# NAD: 1978 Marshall JPM 2204



## KV242 (Jan 6, 2013)

*NAD: 1978 Marshall JMP 2204*

(Damn autocorrect! Changed the thread title and I posted before I realized. Oh well...)

Promised myself I wasn't going to buy any big ticket gear this year, but then I stumbled upon this excellent example of a 1978 Marshall JMP 2204. I thought about it for a day or two, deciding whether I should break my promise to myself. But who am I kidding!! Considering I was on more than a year long search for the right JMP, and passed on several for various reasons, how could I pass on the opportunity to own this fine, near all original, Canadian edition Marshall. I own, and have owned several killer guitars, but nothing but modern tube amps, and never a serious Marshall. So today I welcomed this amazing piece of gear to my arsenal. The condition is near flawless, with only the slightest of marks on the tolex, as though it has sat safely in a studio for most of its life. I nearly had to pry the amp from the seller's grip today, and I understand why. The tone, the operation, the condition, everything is just amazing!

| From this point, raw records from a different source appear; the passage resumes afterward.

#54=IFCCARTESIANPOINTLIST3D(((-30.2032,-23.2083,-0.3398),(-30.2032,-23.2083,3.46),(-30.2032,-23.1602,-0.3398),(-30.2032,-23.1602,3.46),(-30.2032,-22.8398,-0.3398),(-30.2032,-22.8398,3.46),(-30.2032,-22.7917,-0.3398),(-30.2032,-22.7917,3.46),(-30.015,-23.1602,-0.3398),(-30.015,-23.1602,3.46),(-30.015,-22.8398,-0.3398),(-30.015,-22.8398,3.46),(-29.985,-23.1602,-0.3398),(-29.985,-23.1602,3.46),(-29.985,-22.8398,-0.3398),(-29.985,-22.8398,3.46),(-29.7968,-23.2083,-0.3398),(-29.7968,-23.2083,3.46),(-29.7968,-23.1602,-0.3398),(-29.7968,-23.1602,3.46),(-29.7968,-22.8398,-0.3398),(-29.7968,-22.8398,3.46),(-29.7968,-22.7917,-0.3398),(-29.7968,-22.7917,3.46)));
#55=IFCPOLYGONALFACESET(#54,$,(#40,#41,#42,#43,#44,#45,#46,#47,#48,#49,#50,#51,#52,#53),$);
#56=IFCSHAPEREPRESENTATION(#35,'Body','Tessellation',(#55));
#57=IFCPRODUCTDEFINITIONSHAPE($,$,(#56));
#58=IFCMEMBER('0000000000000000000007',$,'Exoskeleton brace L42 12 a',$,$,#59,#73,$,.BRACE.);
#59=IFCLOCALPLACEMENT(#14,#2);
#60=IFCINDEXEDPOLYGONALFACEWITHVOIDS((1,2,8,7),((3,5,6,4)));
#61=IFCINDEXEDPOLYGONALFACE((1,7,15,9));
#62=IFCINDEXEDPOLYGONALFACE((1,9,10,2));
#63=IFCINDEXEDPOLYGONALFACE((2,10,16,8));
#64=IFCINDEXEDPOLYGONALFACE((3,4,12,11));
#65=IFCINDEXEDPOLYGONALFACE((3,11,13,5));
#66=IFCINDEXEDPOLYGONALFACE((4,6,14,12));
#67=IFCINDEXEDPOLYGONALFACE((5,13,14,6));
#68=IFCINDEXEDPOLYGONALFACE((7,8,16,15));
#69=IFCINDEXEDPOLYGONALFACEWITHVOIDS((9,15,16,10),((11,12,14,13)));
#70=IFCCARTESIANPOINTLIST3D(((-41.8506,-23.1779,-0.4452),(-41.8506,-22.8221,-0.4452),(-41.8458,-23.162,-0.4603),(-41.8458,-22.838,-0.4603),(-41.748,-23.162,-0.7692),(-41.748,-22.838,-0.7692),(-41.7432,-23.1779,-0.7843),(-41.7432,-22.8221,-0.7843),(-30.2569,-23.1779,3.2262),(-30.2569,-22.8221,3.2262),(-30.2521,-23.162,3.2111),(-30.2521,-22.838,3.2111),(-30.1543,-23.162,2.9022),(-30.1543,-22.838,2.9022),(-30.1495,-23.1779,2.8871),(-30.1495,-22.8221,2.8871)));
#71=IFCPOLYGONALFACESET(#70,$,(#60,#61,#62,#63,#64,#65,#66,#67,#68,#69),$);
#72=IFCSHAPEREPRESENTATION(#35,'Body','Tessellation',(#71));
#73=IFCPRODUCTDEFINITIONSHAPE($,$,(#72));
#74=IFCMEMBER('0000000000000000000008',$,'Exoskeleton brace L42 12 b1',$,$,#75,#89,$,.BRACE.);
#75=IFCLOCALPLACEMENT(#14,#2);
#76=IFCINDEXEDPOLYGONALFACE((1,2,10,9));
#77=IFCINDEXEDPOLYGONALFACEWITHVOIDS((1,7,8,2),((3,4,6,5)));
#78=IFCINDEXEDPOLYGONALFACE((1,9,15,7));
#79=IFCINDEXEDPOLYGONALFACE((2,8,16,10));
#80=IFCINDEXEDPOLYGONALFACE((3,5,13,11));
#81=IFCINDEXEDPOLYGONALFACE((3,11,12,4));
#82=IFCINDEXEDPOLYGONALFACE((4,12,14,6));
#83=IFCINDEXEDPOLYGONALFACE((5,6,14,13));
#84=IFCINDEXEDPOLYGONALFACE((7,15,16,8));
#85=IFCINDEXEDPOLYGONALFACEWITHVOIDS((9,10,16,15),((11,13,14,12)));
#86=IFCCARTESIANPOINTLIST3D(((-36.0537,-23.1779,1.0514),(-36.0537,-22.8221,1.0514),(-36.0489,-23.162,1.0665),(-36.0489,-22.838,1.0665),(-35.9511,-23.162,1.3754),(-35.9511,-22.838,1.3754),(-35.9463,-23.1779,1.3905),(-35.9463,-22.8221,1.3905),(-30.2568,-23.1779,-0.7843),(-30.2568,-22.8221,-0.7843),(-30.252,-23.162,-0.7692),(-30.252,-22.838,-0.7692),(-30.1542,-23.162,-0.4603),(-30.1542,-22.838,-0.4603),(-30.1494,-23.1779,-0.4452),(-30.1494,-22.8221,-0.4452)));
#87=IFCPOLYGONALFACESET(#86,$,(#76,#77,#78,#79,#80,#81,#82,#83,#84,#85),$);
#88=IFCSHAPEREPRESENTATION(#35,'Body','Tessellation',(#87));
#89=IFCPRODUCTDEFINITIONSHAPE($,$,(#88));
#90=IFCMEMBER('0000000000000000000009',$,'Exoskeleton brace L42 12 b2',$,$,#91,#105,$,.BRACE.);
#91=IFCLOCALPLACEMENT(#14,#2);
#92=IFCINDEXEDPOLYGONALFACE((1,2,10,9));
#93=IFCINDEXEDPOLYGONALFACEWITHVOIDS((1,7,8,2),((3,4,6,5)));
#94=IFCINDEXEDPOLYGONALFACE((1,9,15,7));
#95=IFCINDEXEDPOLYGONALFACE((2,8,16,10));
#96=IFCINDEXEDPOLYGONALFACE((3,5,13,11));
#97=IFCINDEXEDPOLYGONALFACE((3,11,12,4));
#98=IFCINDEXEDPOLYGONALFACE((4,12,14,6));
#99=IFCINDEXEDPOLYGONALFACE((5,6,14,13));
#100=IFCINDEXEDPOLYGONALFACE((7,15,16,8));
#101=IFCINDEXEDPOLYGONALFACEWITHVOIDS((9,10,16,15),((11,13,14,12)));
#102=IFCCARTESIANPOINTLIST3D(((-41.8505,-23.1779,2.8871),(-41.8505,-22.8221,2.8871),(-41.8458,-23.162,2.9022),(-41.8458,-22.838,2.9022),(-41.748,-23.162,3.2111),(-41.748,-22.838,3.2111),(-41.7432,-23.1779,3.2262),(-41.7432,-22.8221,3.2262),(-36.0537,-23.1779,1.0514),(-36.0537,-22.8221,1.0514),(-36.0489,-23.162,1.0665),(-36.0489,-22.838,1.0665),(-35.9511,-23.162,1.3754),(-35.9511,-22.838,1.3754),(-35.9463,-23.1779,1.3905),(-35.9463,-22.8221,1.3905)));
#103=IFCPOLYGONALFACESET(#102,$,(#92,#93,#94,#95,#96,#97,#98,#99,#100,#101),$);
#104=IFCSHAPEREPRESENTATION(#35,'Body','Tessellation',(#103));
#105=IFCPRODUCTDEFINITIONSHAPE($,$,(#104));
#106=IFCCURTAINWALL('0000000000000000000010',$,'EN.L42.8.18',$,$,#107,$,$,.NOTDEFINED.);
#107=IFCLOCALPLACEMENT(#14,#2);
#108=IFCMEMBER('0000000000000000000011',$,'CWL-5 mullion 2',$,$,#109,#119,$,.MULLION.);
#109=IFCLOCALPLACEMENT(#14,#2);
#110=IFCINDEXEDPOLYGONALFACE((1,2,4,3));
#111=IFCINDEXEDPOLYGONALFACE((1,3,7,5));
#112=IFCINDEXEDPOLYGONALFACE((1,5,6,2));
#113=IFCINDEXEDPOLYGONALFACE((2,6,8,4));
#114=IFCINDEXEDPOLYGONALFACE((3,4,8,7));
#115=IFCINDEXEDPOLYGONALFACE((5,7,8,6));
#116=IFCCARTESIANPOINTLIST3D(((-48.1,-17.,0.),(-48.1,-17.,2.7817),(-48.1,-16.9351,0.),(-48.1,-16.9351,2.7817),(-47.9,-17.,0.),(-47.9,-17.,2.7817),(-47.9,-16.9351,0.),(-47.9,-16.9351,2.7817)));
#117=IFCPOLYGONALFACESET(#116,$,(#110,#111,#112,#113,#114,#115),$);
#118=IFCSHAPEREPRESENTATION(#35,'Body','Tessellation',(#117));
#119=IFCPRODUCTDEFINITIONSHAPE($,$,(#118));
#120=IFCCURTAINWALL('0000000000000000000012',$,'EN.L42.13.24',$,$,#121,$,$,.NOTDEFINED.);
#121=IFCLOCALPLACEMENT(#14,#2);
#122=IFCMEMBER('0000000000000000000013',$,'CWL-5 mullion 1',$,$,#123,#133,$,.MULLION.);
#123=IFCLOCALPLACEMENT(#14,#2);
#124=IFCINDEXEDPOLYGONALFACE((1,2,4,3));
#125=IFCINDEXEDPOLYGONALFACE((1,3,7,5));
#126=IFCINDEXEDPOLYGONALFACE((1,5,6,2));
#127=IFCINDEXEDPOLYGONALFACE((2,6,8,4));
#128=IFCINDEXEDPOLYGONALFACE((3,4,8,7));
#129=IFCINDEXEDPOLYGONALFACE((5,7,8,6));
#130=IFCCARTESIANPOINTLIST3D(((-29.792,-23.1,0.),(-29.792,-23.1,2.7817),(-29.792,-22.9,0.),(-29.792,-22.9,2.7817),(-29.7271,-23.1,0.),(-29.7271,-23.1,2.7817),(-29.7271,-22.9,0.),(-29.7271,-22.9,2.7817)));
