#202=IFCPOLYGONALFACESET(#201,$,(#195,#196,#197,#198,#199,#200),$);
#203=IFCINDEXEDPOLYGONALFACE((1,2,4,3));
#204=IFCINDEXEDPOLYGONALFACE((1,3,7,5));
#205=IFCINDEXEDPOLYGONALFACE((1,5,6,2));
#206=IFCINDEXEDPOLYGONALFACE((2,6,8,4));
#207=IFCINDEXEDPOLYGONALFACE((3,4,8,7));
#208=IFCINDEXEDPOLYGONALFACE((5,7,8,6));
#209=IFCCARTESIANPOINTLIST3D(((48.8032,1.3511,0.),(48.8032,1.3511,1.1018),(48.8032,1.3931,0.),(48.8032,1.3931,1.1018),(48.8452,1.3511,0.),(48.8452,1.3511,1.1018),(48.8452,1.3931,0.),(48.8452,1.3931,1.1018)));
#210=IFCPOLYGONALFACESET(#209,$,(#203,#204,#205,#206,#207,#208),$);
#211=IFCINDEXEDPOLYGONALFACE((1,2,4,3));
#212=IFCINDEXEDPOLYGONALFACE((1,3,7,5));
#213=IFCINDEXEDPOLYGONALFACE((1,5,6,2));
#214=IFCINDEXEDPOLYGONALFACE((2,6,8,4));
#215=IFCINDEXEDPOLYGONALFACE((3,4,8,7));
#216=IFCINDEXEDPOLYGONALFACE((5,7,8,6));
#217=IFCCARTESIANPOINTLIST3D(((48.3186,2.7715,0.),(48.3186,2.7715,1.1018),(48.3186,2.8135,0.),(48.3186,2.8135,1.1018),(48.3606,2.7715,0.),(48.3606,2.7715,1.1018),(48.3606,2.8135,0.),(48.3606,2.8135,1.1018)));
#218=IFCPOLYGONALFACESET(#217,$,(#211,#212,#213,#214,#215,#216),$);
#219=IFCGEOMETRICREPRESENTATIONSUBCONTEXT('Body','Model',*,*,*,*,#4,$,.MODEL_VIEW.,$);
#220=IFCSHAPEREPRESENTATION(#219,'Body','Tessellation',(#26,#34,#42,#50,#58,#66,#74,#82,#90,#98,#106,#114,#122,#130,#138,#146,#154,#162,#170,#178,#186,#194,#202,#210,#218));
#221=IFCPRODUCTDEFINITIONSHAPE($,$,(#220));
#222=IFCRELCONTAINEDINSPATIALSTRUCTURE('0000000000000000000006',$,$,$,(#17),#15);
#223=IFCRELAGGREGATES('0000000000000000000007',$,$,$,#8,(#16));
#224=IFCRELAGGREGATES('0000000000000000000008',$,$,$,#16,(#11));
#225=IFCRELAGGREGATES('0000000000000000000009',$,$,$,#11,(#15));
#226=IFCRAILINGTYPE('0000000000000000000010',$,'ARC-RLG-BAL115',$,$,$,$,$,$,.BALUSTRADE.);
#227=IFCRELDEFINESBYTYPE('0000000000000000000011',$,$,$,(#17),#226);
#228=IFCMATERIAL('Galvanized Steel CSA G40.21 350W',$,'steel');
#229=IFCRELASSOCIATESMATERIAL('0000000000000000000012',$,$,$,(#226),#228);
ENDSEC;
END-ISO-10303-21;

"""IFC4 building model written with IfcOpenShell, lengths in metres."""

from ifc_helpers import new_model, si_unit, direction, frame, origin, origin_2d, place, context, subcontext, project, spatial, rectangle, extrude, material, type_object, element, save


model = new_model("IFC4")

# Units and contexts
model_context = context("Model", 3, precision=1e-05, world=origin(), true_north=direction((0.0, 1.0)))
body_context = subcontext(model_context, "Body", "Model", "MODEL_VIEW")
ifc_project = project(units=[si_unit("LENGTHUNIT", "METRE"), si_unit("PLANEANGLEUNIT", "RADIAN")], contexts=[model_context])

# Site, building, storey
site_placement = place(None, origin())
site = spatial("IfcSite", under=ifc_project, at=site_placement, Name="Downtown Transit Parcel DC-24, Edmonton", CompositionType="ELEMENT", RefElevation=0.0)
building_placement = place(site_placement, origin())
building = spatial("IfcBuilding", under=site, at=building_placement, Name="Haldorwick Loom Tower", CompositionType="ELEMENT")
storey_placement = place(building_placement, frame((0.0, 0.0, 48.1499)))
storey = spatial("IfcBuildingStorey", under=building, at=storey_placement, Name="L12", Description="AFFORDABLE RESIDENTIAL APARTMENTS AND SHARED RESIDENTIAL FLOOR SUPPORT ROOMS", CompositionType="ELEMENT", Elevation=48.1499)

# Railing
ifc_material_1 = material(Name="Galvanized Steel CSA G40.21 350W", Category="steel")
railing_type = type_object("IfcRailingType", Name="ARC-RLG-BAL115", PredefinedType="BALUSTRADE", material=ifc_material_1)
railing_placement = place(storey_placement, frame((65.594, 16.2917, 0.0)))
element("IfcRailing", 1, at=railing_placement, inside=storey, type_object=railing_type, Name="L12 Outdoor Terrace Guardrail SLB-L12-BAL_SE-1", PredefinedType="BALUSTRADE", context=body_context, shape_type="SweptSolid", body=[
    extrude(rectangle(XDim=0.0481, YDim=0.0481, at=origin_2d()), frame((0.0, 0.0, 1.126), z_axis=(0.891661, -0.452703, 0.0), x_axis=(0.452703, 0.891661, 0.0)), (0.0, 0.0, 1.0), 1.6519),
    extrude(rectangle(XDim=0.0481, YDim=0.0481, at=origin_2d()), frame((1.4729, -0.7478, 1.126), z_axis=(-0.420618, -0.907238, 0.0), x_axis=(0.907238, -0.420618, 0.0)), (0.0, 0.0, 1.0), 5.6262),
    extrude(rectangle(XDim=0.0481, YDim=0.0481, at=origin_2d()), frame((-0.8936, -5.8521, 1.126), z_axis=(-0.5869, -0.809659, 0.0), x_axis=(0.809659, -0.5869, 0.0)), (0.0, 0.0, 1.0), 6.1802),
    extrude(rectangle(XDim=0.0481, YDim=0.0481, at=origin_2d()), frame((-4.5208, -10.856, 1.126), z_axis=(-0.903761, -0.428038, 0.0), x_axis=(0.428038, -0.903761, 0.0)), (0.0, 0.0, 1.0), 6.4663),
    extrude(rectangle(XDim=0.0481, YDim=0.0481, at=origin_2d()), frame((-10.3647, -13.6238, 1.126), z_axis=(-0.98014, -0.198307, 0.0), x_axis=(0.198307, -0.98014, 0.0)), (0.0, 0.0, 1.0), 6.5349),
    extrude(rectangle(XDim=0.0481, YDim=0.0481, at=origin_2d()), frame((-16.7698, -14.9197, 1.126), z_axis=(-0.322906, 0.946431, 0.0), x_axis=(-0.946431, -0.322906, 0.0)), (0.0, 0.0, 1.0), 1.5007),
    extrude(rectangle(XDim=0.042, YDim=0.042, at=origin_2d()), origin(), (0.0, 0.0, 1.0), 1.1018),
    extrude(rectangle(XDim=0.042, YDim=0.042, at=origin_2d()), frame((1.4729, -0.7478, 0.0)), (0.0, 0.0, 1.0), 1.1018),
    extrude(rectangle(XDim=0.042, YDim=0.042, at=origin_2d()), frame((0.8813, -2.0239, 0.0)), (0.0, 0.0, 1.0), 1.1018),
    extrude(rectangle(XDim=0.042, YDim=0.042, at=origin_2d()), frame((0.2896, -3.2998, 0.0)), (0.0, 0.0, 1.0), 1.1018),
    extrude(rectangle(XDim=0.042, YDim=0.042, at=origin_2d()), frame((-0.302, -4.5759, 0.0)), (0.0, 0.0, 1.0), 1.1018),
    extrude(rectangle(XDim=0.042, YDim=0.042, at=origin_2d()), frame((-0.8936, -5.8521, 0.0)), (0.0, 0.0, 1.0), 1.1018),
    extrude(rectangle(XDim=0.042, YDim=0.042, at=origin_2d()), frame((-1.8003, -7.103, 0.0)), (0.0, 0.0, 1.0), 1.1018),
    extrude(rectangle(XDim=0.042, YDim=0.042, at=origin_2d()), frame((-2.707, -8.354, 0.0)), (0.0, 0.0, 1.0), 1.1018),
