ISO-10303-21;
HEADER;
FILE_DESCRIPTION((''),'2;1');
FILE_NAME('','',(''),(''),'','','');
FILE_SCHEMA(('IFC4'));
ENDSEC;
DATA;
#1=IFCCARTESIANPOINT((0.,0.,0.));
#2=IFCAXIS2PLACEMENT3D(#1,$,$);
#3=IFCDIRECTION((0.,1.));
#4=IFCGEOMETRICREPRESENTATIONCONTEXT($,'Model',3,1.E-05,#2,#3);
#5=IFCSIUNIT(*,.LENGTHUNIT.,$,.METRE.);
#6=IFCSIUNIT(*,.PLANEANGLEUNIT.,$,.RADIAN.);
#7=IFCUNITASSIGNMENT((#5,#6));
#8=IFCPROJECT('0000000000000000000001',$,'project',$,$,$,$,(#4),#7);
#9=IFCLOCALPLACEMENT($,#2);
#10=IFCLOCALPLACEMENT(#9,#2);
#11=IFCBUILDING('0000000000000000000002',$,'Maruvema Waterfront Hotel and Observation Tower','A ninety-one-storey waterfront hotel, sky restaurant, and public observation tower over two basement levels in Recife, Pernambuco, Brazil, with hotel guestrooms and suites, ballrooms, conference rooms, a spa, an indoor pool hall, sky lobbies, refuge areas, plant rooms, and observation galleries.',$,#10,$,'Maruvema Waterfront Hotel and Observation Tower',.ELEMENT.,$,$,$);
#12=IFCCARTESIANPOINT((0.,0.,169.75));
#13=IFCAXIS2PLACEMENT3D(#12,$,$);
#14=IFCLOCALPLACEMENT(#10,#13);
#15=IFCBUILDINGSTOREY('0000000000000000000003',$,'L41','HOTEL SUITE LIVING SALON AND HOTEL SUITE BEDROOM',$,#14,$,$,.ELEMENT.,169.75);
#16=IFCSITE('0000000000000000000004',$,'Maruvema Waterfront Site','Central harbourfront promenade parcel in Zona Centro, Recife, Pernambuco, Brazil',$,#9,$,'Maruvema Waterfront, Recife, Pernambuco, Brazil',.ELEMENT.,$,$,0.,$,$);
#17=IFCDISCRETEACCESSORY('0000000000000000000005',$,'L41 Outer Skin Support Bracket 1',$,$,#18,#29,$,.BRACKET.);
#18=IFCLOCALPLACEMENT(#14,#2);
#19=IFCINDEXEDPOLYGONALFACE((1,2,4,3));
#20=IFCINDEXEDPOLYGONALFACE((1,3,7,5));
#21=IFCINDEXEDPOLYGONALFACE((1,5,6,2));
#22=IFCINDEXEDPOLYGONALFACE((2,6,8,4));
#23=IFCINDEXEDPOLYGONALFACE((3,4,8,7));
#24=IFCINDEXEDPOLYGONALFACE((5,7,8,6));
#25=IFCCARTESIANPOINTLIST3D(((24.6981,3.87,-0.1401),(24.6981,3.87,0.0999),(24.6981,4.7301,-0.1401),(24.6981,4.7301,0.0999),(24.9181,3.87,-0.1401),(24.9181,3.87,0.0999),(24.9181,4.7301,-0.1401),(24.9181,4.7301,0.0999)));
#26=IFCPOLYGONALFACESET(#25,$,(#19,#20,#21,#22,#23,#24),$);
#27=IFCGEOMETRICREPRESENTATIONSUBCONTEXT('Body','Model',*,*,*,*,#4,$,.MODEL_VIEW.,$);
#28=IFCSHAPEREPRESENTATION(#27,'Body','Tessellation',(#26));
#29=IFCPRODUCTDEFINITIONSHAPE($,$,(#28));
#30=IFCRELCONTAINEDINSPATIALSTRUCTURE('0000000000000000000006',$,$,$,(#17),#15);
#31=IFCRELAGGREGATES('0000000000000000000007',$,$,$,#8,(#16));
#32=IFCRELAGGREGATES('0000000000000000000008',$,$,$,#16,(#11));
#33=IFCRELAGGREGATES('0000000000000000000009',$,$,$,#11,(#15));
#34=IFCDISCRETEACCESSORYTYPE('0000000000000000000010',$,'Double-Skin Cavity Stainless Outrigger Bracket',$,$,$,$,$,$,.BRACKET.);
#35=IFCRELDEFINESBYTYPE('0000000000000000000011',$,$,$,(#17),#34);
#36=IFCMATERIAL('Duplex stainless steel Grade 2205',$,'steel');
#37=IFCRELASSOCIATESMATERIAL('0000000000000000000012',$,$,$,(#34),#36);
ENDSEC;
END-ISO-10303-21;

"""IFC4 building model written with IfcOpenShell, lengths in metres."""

from ifc_helpers import new_model, si_unit, direction, frame, origin, origin_2d, place, context, subcontext, project, spatial, rectangle, extrude, material, type_object, element, save


model = new_model("IFC4")

# Units and contexts
model_context = context("Model", 3, precision=1e-05, world=origin(), true_north=direction((0.0, 1.0)))
body_context = subcontext(model_context, "Body", "Model", "MODEL_VIEW")
ifc_project = project(units=[si_unit("LENGTHUNIT", "METRE"), si_unit("PLANEANGLEUNIT", "RADIAN")], contexts=[model_context])

# Site, building, storey
site_placement = place(None, origin())
site = spatial("IfcSite", under=ifc_project, at=site_placement, Name="Maruvema Waterfront Site", Description="Central harbourfront promenade parcel in Zona Centro, Recife, Pernambuco, Brazil", LongName="Maruvema Waterfront, Recife, Pernambuco, Brazil", CompositionType="ELEMENT", RefElevation=0.0)
building_placement = place(site_placement, origin())
building = spatial("IfcBuilding", under=site, at=building_placement, Name="Maruvema Waterfront Hotel and Observation Tower", Description="A ninety-one-storey waterfront hotel, sky restaurant, and public observation tower over two basement levels in Recife, Pernambuco, Brazil, with hotel guestrooms and suites, ballrooms, conference rooms, a spa, an indoor pool hall, sky lobbies, refuge areas, plant rooms, and observation galleries.", LongName="Maruvema Waterfront Hotel and Observation Tower", CompositionType="ELEMENT")
storey_placement = place(building_placement, frame((0.0, 0.0, 169.75)))
storey = spatial("IfcBuildingStorey", under=building, at=storey_placement, Name="L41", Description="HOTEL SUITE LIVING SALON AND HOTEL SUITE BEDROOM", CompositionType="ELEMENT", Elevation=169.75)

# Discrete accessory
ifc_material_1 = material(Name="Duplex stainless steel Grade 2205", Category="steel")
discrete_accessory_type = type_object("IfcDiscreteAccessoryType", Name="Double-Skin Cavity Stainless Outrigger Bracket", PredefinedType="BRACKET", material=ifc_material_1)
discrete_accessory_placement = place(storey_placement, frame((24.8081, 4.3, -0.1401), z_axis=(0.0, 0.0, 1.0), x_axis=(1.0, 0.0, 0.0)))
element("IfcDiscreteAccessory", 1, at=discrete_accessory_placement, inside=storey, type_object=discrete_accessory_type, Name="L41 Outer Skin Support Bracket 1", PredefinedType="BRACKET", context=body_context, shape_type="SweptSolid", body=[
    extrude(rectangle(XDim=0.22, YDim=0.8601, at=origin_2d()), origin(), (0.0, 0.0, 1.0), 0.24),
])

save(model, "model.ifc")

After making the purchase, I went straight to my rehearsal space, plugged it in and spent the next 4 hours in Les Paul-Marshall heaven, with tone a la Paul Kossoff. It's like nothing I've experienced before. While not exactly the type of music I play, it's some of the tone I measure all my euphoric Les Paul, screaming lead and killer vintage crunch against. Just seems it's how a Les Paul and Marshall should sound together, and there's just something about that Paul Kossoff tone that makes me crazy, and this is the closest I've ever come to it. I play a dirtier and more overdriven tone, so I put my Timmy pedal in front with a little boost, some OD and a ittle EQ, and just like that had that tone I've been after forever and only dreamed of until now. Even without the Timmy, the tone is every I've wanted. Can you tell I'm in love? lol

Thanks for taking a moment to read my post and sharing in my love and excitement. It's a big one off my list! (Now for the next one on my list. haha)


----------



## Greg Ellis (Oct 1, 2007)

That's an awesome piece of history man, wow! Great score!


----------



## sulphur (Jun 2, 2011)

That's in really nice shape, congrats!


----------



## High/Deaf (Aug 19, 2009)

Man, that thing is minty fresh! A JMP is one of my 'bucket list' items as well.


----------



## DrHook (Oct 28, 2013)

If that don't give you a woody, I don't know what would.

sweet deal!


----------



## LydianGuitars (Apr 18, 2013)

I have an '83 and love it. One of my faves for sure. This one looks stunning!


----------



## Atomic'76 (Oct 11, 2011)

Sweet amp man! I have a '78 2204 too and it will never leave me. I know EXACTLY what you are talking about with the tone.


----------



## hollowbody (Jan 15, 2008)

Very nice score! Looks like it`s in great shape!


----------



## bolero (Oct 11, 2006)

oh yeah, congratulations, that is a beauty!!


----------



## corailz (May 1, 2008)

Killer! That's a real beauty!


----------



## krall (Apr 19, 2009)

Congrats! Wow, it looks just like my old '78 CSA (Canadian export)..Wonder if it's the same one?



The serial:


----------



## Roryfan (Apr 19, 2010)

Great score. 

And thank you. I was toying with the idea of moving my '69 20W b/c I rarely get to turn it up but what the france was I thinking.


----------



## KV242 (Jan 6, 2013)

krall said:


> Congrats! Wow, it looks just like my old '78 CSA (Canadian export)..Wonder if it's the same one?


Ha! That's the one! Thanks for passing it along. She's in good hands, and will be adored and played lovingly. Lol


----------



## krall (Apr 19, 2009)

KV242 said:


> Ha! That's the one! Thanks for passing it along. She's in good hands, and will be adored and played lovingly. Lol


Right on! It's interesting to know where old gear end up. I sold it to a guy in Prince Edward Island a few years ago and that's the last I heard of it..Now in T.O. Cool!

Another pic I have of her along with her "siblings", lol


----------



## Roryfan (Apr 19, 2010)

krall said:


> Another pic I have of her along with her "siblings", lol


Papi muy gusto!


----------



## Diablo (Dec 20, 2007)

krall said:


> Right on! It's interesting to know where old gear end up. I sold it to a guy in Prince Edward Island a few years ago and that's the last I heard of it..Now in T.O. Cool!
> 
> Another pic I have of her along with her "siblings", lol


You're either unmarried, a famous rock star, or own a music store. There are no other possibilities.


----------



## julienpier (Aug 7, 2009)

Sweet mother Jesus! That's one hell of a collection you have!

By the way, congratulation Krall for your purchase!


----------